The electromagnetic field of an antenna could be calculated from the
distribution of voltage on the conductors. Problem is voltmeter leads
would be in the r-f field and this would tend to make measured voltages
inaccurate. R-F current is conveniently and accurately measured with a
thermocouple ammeter.

Strength of an electromagnetic wave is usually measured and quoted in
terms of its electric field in volts per meter. This is the number of
volts which would be induced in a one-meter length of wire placed in the
field parallel to the electric lines of force. Volts in the wire are
produced by movement of magnetic flux across the wire.

Best regards, Richard Harrison, KB5WZI

Antenna reception theory
 

Asimov wrote:
"Richard Harrison" bravely wrote to "All" (01 Dec 05 14:18:33)
--- on the heady topic of " Antenna reception theory"

RH From: (Richard Harrison)
RH Xref: core-easynews rec.radio.amateur.antenna:220709

RH Roy Lewallen wrote:
RH "You can find the explanation for why this is in any electromagnetic
RH text."

RH I found it in Terman.
[,,,]
RH From the above, it is seen that the electric field is not effective in
RH inducing current in a receiving antenna parallel to a wavefront. All
RH the energy intercepted by the antenna is induced by the magnetic field.


That is outright false. Because I can very easily demonstrate
detecting a static E-field by waving a sensitive probe across it.
An antenna is just a stationary probe with a moving E-field. It is
equivalent.

Consider the direction the E field is moving and which direction any
electrostatically induced current might flow. Then apply the same
criteria to a magnetic field.

A*C*6*X*G

Terman sucks.

A*s*i*m*o*v

... Horse sense is the result of stable thinking.

Antenna reception theory
 

"Jim Kelley" bravely wrote to "All" (02 Dec 05 11:17:51)
--- on the heady topic of " Antenna reception theory"

JK From: Jim Kelley
JK Xref: core-easynews rec.radio.amateur.antenna:220745

JK Asimov wrote:
"Richard Harrison" bravely wrote to "All" (01 Dec 05 14:18:33)
--- on the heady topic of " Antenna reception theory"

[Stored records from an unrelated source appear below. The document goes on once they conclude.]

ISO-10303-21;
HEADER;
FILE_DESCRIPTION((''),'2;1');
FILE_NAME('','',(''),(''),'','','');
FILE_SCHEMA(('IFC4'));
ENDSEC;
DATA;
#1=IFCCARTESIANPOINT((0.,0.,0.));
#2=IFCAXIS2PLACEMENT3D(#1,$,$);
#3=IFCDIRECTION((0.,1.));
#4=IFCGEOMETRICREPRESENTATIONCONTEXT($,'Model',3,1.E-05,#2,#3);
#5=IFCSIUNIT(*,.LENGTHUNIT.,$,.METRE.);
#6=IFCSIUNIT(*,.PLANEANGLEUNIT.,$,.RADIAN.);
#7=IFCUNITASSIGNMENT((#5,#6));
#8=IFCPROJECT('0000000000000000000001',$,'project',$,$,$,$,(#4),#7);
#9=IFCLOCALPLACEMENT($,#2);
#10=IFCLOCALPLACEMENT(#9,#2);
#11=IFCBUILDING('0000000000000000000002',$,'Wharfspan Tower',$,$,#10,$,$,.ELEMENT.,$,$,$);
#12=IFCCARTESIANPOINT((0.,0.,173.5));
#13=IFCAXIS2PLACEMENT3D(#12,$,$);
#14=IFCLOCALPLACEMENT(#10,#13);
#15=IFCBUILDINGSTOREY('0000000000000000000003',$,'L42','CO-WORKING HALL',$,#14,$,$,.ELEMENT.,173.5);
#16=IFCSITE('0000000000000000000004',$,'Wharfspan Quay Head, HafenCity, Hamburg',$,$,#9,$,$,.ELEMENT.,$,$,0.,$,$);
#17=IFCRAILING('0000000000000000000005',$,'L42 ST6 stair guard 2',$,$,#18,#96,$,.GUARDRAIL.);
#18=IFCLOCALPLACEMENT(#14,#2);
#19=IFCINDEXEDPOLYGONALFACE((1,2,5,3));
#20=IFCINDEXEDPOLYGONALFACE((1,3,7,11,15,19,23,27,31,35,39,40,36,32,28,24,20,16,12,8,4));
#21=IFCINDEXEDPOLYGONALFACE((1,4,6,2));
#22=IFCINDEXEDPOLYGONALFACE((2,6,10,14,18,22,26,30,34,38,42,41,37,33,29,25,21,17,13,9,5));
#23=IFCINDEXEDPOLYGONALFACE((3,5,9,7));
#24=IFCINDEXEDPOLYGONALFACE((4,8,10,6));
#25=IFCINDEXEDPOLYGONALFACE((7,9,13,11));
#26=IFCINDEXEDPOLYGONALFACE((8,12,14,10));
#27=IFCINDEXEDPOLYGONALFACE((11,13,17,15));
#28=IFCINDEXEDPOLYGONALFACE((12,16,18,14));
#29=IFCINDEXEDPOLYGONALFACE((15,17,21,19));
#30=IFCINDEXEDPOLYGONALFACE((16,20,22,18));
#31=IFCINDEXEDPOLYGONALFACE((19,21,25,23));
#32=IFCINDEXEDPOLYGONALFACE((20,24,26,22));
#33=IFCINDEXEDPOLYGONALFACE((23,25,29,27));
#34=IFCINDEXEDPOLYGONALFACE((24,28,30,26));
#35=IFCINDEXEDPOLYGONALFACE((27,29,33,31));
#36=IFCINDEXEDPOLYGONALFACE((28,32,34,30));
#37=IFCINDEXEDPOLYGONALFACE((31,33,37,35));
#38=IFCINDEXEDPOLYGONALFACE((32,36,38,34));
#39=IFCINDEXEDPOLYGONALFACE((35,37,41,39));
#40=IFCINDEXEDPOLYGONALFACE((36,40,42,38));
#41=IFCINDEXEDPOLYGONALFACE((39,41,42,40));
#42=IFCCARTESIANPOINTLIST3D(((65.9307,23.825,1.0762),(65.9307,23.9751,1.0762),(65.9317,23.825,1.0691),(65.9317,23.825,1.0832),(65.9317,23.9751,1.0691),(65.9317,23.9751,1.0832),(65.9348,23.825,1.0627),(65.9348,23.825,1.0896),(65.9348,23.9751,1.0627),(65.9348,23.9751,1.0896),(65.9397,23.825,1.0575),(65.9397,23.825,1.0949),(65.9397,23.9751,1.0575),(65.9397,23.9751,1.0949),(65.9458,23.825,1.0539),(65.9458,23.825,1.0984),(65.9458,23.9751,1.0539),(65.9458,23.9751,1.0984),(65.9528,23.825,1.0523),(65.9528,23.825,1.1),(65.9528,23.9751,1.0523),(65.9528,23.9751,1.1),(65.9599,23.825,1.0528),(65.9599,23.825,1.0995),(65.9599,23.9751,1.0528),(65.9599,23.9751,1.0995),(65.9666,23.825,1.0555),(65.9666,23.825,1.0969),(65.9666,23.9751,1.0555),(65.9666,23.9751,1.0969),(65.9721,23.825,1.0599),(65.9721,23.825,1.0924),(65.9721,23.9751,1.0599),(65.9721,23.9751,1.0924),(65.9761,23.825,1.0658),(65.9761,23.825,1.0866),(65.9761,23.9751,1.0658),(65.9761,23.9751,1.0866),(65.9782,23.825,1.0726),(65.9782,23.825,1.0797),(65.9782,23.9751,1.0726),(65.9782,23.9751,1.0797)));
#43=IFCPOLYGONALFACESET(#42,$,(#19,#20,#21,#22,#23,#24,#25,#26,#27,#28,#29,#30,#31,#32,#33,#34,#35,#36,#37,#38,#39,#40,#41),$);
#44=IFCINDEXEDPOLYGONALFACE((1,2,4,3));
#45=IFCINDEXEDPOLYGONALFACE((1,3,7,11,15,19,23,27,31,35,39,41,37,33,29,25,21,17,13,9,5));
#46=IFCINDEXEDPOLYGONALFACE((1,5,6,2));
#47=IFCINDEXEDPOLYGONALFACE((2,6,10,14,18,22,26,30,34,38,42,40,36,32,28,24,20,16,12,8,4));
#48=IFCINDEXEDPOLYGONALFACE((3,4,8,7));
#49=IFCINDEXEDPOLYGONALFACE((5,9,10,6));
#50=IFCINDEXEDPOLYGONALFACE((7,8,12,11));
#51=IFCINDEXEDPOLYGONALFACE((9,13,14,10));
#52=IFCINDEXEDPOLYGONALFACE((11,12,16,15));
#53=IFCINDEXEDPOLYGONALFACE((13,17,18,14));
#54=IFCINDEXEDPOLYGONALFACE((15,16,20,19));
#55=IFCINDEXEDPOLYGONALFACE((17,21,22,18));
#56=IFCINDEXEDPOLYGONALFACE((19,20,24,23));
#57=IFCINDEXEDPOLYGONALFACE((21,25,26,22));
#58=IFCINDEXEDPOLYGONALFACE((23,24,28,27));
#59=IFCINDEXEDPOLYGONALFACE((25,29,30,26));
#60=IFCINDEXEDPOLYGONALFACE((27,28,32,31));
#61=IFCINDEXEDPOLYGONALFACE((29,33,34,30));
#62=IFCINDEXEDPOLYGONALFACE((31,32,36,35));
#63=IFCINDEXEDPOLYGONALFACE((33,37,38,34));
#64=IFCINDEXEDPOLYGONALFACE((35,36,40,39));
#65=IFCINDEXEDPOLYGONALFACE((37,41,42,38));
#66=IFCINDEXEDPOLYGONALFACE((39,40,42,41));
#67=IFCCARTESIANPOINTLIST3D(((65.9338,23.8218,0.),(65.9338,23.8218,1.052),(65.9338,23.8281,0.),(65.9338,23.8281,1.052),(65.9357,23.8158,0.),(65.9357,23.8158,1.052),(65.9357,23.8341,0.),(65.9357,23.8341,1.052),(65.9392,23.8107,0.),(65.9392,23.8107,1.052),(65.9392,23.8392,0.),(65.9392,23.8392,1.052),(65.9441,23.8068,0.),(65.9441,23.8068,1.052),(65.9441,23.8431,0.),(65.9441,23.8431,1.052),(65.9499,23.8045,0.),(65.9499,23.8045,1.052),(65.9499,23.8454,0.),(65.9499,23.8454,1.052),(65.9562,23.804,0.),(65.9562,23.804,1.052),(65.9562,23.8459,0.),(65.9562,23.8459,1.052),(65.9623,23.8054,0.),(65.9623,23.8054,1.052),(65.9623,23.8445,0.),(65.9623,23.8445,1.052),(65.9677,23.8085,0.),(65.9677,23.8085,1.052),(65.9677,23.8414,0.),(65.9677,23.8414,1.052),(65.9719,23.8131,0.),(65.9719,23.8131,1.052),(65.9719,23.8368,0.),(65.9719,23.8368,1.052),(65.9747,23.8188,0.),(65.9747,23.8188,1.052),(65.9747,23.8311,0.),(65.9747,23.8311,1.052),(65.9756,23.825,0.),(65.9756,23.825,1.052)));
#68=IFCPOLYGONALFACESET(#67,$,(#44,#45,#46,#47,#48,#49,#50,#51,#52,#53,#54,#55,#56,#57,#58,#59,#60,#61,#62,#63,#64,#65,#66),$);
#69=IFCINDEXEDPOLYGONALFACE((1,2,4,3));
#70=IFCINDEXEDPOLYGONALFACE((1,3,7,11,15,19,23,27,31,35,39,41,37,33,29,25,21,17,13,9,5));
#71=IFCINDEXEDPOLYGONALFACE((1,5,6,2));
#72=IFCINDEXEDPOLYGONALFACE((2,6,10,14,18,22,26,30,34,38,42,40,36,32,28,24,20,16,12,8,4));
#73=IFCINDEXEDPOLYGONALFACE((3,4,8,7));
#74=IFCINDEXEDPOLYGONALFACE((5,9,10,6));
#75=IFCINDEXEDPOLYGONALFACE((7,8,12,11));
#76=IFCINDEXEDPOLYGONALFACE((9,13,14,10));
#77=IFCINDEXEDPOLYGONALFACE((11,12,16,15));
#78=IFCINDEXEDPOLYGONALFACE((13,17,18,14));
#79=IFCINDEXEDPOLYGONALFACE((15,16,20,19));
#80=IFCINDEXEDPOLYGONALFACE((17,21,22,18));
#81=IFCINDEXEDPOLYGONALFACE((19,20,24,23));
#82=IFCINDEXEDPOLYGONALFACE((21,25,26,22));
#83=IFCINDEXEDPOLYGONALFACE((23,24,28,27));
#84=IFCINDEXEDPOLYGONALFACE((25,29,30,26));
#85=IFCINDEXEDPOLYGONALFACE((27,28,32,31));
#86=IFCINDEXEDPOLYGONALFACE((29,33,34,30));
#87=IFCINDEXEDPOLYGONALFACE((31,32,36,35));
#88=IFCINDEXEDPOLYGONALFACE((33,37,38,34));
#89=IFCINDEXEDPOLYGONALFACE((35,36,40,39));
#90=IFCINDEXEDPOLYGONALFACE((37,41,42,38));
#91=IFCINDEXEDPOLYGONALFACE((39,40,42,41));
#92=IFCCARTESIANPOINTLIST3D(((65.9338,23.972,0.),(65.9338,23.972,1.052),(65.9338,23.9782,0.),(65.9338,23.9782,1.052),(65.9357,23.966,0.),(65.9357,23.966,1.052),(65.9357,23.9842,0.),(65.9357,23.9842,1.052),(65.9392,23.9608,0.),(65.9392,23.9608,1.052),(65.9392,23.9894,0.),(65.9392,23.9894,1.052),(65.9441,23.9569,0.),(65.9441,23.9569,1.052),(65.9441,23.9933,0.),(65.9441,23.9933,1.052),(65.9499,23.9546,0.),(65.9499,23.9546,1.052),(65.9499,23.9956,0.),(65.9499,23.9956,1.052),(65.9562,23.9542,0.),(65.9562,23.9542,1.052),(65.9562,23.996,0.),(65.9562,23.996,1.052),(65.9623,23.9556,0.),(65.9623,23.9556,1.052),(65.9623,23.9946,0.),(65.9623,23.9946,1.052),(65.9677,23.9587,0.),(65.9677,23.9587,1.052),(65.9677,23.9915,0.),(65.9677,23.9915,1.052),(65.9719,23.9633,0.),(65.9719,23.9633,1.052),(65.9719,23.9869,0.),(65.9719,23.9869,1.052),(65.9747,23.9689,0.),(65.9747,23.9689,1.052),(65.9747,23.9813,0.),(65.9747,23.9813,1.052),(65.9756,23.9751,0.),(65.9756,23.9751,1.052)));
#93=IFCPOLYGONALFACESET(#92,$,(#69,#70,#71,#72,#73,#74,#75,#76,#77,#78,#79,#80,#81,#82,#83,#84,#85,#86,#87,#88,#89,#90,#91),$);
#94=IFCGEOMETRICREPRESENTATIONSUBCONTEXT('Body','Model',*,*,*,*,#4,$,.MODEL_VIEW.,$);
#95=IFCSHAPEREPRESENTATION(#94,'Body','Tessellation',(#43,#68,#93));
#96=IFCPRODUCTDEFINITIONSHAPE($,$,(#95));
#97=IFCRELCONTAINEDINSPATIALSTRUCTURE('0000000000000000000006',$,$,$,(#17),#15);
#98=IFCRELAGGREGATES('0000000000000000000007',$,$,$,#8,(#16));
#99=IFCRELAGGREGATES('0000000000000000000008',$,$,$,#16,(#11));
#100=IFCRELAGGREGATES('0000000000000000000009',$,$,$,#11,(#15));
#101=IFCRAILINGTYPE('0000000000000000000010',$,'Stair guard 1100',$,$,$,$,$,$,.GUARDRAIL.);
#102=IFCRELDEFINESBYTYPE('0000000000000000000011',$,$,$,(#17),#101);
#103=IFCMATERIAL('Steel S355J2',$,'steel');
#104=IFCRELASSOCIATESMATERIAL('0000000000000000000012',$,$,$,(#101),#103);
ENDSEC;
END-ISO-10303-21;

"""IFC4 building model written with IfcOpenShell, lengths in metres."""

from ifc_helpers import new_model, si_unit, direction, frame, origin, origin_2d, place, context, subcontext, project, spatial, circle, extrude, material, type_object, element, save


model = new_model("IFC4")

# Units and contexts
model_context = context("Model", 3, precision=1e-05, world=origin(), true_north=direction((0.0, 1.0)))
body_context = subcontext(model_context, "Body", "Model", "MODEL_VIEW")
ifc_project = project(units=[si_unit("LENGTHUNIT", "METRE"), si_unit("PLANEANGLEUNIT", "RADIAN")], contexts=[model_context])

# Site, building, storey
site_placement = place(None, origin())
site = spatial("IfcSite", under=ifc_project, at=site_placement, Name="Wharfspan Quay Head, HafenCity, Hamburg", CompositionType="ELEMENT", RefElevation=0.0)
building_placement = place(site_placement, origin())
building = spatial("IfcBuilding", under=site, at=building_placement, Name="Wharfspan Tower", CompositionType="ELEMENT")
storey_placement = place(building_placement, frame((0.0, 0.0, 173.5)))
storey = spatial("IfcBuildingStorey", under=building, at=storey_placement, Name="L42", Description="CO-WORKING HALL", CompositionType="ELEMENT", Elevation=173.5)

# Shared definitions
ifc_material_1 = material(Name="Steel S355J2", Category="steel")

# Railing
railing_type_1 = type_object("IfcRailingType", Name="Stair guard 1100", PredefinedType="GUARDRAIL", material=ifc_material_1)
railing_1_placement = place(storey_placement, frame((65.9546, 23.825, 0.0)))
element("IfcRailing", 1, at=railing_1_placement, inside=storey, type_object=railing_type_1, Name="L42 ST6 stair guard 2", PredefinedType="GUARDRAIL", context=body_context, shape_type="SweptSolid", body=[
    extrude(circle(Radius=0.0239, at=origin_2d()), frame((0.0, 0.0, 1.0762), z_axis=(0.0, 1.0, 0.0), x_axis=(-1.0, 0.0, 0.0)), (0.0, 0.0, 1.0), 0.1501),
    extrude(circle(Radius=0.021, at=origin_2d()), origin(), (0.0, 0.0, 1.0), 1.052),
    extrude(circle(Radius=0.021, at=origin_2d()), frame((0.0, 0.1501, 0.0)), (0.0, 0.0, 1.0), 1.052),
])

save(model, "model.ifc")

RH From: (Richard Harrison)
RH Xref: core-easynews rec.radio.amateur.antenna:220709

RH Roy Lewallen wrote:
RH "You can find the explanation for why this is in any electromagnetic
RH text."

RH I found it in Terman.
[,,,]
RH From the above, it is seen that the electric field is not effective in
RH inducing current in a receiving antenna parallel to a wavefront. All
RH the energy intercepted by the antenna is induced by the magnetic field.

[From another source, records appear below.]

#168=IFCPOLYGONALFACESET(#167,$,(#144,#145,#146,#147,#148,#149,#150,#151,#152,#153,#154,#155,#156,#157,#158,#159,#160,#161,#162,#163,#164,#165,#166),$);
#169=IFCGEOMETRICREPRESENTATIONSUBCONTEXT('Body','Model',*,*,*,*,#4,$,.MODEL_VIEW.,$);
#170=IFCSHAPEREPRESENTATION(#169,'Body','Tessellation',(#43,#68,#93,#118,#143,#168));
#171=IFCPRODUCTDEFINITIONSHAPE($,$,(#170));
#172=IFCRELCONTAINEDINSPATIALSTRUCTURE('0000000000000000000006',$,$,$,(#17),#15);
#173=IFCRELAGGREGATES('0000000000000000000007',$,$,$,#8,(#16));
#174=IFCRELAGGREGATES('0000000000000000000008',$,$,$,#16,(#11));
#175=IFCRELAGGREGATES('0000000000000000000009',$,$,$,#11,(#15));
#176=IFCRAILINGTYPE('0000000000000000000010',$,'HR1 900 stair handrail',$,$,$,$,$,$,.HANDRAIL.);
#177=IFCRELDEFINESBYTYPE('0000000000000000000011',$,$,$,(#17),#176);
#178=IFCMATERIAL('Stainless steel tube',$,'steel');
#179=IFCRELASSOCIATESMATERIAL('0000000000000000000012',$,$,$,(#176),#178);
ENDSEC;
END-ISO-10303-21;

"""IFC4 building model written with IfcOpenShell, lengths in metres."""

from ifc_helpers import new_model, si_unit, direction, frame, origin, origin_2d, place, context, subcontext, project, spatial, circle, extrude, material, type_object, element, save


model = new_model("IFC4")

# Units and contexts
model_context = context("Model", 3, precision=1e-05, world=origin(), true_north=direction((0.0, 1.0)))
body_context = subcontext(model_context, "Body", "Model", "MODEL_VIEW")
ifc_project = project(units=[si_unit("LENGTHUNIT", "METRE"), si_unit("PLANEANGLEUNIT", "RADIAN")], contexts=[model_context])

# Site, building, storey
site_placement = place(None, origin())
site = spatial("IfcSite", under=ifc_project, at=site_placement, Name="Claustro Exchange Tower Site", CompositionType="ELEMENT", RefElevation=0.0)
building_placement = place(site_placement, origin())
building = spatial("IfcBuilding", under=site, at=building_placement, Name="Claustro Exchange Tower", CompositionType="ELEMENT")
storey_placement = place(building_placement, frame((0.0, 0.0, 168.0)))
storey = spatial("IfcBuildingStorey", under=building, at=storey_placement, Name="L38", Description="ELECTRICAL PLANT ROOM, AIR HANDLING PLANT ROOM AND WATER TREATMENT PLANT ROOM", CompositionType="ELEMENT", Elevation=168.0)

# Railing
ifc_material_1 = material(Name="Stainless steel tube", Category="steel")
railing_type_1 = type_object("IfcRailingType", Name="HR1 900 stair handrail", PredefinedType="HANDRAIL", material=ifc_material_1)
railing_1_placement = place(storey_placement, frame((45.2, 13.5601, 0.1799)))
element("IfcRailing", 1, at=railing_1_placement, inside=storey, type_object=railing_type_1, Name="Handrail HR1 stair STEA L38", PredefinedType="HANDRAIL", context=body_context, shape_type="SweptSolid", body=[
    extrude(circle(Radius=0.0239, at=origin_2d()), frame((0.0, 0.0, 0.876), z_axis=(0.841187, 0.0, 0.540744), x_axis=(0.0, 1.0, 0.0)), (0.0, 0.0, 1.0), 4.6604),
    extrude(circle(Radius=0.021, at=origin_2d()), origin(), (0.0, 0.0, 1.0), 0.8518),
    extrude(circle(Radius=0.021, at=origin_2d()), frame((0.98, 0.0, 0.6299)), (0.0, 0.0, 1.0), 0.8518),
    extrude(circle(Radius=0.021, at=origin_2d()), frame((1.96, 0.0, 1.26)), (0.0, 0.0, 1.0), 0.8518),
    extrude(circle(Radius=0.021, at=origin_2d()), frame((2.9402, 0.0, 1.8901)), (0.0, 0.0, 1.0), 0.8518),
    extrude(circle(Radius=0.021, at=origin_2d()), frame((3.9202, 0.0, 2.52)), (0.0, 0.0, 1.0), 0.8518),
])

That is outright false. Because I can very easily demonstrate
detecting a static E-field by waving a sensitive probe across it.
An antenna is just a stationary probe with a moving E-field. It is
equivalent.

JK Consider the direction the E field is moving and which direction any
JK electrostatically induced current might flow. Then apply the same
JK criteria to a magnetic field.

JK A*C*6*X*G

JK Terman sucks.

I regret having written that Terman sucks. However, I'm reminded that
there is a lot of stuff missing in the 1955 edition of Encyclopedia
Britanica up in the attic. Clearly I don't say the EB sucks either,
so a 1955 book on electromagentic wave theory might be missing a few
things as well. Unless you believe everything that there ever is to
learn about EM is that 1955 book. But it is wrong to state that the
magnetic field alone is responsible for the interception of wave
energy in a metallic conductor.

A*s*i*m*o*v


.... Isaac Asimov : 1920-1992 : Gone to the stars!